Tutorial

12 min read

Deploy open source LLM in your private cluster with Hugging Face and GKE Autopilot

Deploying Language Model (LLMs) based applications can present numerous challenges, particularly when it comes to privacy, reliability and ease of deployment (see: Finding your way through the Large Language Models Hype - GetInData). While one option is to deploy LLMs on your own infrastructure, it often involves intricate setup and maintenance, making it a daunting task for many developers. Additionally, relying solely on public APIs for LLMs may not be feasible due to privacy constraints imposed by companies, which restrict the usage of external services and/or process valuable data which includes PII (see: Run your first, private Large Language Model (LLM) on Google Cloud Platform - GetInData).

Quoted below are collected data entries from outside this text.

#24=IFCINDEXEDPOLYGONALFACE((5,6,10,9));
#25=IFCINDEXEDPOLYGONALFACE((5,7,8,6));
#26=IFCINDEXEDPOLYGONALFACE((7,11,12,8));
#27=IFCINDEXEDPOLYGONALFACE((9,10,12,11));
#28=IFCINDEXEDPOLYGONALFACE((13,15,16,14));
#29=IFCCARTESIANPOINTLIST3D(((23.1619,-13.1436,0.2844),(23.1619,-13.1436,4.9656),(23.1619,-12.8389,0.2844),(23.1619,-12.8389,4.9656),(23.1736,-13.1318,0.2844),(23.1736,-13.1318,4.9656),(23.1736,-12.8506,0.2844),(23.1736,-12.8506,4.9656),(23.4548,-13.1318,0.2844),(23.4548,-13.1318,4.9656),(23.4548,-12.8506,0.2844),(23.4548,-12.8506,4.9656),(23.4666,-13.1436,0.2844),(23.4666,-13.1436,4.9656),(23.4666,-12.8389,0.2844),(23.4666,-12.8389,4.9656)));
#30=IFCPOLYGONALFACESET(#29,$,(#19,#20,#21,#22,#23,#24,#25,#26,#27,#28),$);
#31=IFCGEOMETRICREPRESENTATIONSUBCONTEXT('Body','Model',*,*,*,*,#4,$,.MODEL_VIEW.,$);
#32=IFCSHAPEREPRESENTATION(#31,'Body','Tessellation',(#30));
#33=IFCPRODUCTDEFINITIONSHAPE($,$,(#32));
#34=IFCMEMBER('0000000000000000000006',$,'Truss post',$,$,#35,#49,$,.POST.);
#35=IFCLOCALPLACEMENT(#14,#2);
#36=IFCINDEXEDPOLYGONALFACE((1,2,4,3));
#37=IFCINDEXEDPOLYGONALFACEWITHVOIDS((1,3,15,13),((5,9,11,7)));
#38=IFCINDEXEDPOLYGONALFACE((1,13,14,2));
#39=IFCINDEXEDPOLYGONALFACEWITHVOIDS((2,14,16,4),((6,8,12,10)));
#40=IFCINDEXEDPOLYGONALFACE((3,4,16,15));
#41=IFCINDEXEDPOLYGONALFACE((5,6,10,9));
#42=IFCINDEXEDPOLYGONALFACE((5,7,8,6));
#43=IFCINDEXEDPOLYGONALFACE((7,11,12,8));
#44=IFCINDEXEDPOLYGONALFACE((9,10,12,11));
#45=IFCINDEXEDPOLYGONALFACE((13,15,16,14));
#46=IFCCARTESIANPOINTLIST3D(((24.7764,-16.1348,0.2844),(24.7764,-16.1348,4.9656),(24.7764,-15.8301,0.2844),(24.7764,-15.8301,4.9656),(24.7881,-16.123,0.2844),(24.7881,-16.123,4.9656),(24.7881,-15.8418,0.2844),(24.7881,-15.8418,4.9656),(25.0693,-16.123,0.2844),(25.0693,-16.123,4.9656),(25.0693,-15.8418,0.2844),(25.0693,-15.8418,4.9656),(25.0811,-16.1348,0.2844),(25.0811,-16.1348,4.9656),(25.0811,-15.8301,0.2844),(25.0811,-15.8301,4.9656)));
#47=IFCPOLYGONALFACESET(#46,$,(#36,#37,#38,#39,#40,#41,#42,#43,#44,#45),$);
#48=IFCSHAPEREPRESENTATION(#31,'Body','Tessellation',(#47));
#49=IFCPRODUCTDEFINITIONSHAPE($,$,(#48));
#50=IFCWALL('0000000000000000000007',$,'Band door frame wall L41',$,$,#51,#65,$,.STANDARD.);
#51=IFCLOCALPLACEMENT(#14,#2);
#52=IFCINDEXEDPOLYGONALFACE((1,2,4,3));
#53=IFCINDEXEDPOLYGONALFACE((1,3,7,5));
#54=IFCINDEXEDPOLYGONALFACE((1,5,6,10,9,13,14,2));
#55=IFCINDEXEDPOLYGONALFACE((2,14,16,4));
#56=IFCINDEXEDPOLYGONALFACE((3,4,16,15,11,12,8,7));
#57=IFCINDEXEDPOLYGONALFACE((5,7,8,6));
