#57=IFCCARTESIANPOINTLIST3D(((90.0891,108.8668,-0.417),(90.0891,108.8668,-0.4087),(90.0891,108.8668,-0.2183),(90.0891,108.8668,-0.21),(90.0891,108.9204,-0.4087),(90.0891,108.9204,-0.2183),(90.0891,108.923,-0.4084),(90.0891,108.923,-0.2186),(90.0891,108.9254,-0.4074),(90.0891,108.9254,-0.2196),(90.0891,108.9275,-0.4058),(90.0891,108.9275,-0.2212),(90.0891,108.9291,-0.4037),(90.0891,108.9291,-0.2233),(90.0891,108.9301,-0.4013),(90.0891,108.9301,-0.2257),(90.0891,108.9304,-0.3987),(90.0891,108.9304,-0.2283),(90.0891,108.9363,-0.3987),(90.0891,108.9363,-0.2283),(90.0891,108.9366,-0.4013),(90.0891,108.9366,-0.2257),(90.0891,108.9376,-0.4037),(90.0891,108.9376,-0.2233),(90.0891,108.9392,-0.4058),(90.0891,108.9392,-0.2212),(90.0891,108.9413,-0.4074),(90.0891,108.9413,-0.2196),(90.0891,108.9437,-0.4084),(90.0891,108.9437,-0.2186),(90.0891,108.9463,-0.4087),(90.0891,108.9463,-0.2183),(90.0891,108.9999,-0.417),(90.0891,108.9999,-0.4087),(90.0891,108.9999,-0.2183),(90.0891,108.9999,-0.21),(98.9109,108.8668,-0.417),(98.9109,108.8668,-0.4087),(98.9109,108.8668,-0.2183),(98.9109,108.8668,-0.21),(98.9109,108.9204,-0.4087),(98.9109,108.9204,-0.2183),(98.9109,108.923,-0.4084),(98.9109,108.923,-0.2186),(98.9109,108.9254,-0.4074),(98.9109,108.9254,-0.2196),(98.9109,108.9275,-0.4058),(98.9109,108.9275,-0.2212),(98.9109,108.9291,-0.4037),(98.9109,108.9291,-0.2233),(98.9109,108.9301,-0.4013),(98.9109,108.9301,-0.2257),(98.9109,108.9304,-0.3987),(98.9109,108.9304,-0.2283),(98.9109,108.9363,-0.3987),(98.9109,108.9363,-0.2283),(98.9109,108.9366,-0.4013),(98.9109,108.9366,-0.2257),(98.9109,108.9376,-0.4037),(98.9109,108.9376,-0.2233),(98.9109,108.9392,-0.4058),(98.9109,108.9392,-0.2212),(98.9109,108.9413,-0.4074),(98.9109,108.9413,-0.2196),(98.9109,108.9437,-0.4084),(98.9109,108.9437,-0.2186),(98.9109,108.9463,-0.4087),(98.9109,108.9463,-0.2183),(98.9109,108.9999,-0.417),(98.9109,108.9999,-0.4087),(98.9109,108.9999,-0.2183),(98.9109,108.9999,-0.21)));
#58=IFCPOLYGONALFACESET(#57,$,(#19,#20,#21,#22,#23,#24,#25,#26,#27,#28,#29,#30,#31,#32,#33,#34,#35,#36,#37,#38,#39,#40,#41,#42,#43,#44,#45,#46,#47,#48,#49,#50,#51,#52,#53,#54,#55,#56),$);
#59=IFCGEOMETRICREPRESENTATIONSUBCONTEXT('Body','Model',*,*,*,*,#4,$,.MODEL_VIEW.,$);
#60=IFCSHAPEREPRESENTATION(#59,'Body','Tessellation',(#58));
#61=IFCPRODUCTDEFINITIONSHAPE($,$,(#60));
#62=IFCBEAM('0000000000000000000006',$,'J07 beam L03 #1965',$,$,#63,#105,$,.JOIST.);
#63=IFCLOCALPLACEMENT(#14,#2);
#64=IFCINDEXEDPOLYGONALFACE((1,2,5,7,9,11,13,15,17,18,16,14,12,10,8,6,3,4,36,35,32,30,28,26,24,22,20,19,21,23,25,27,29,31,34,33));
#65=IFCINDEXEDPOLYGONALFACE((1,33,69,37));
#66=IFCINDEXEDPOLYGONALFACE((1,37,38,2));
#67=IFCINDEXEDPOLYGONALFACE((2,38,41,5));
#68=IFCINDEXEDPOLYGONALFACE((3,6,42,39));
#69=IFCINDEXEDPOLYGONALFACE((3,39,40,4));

Furthermore, public APIs often lack the necessary service level agreements (SLAs) required to build robust and dependable applications on top of LLMs. In this blog post, we will guide you through the deployment process of Falcon LLM within the secure confines of your private Google Kubernetes Engine (GKE) Autopilot cluster using the text-generation-inference library from Hugging Face. The library is built with high-performance deployments in mind and is used by Hugging Face themselves in production, to power HF Model Hub widgets.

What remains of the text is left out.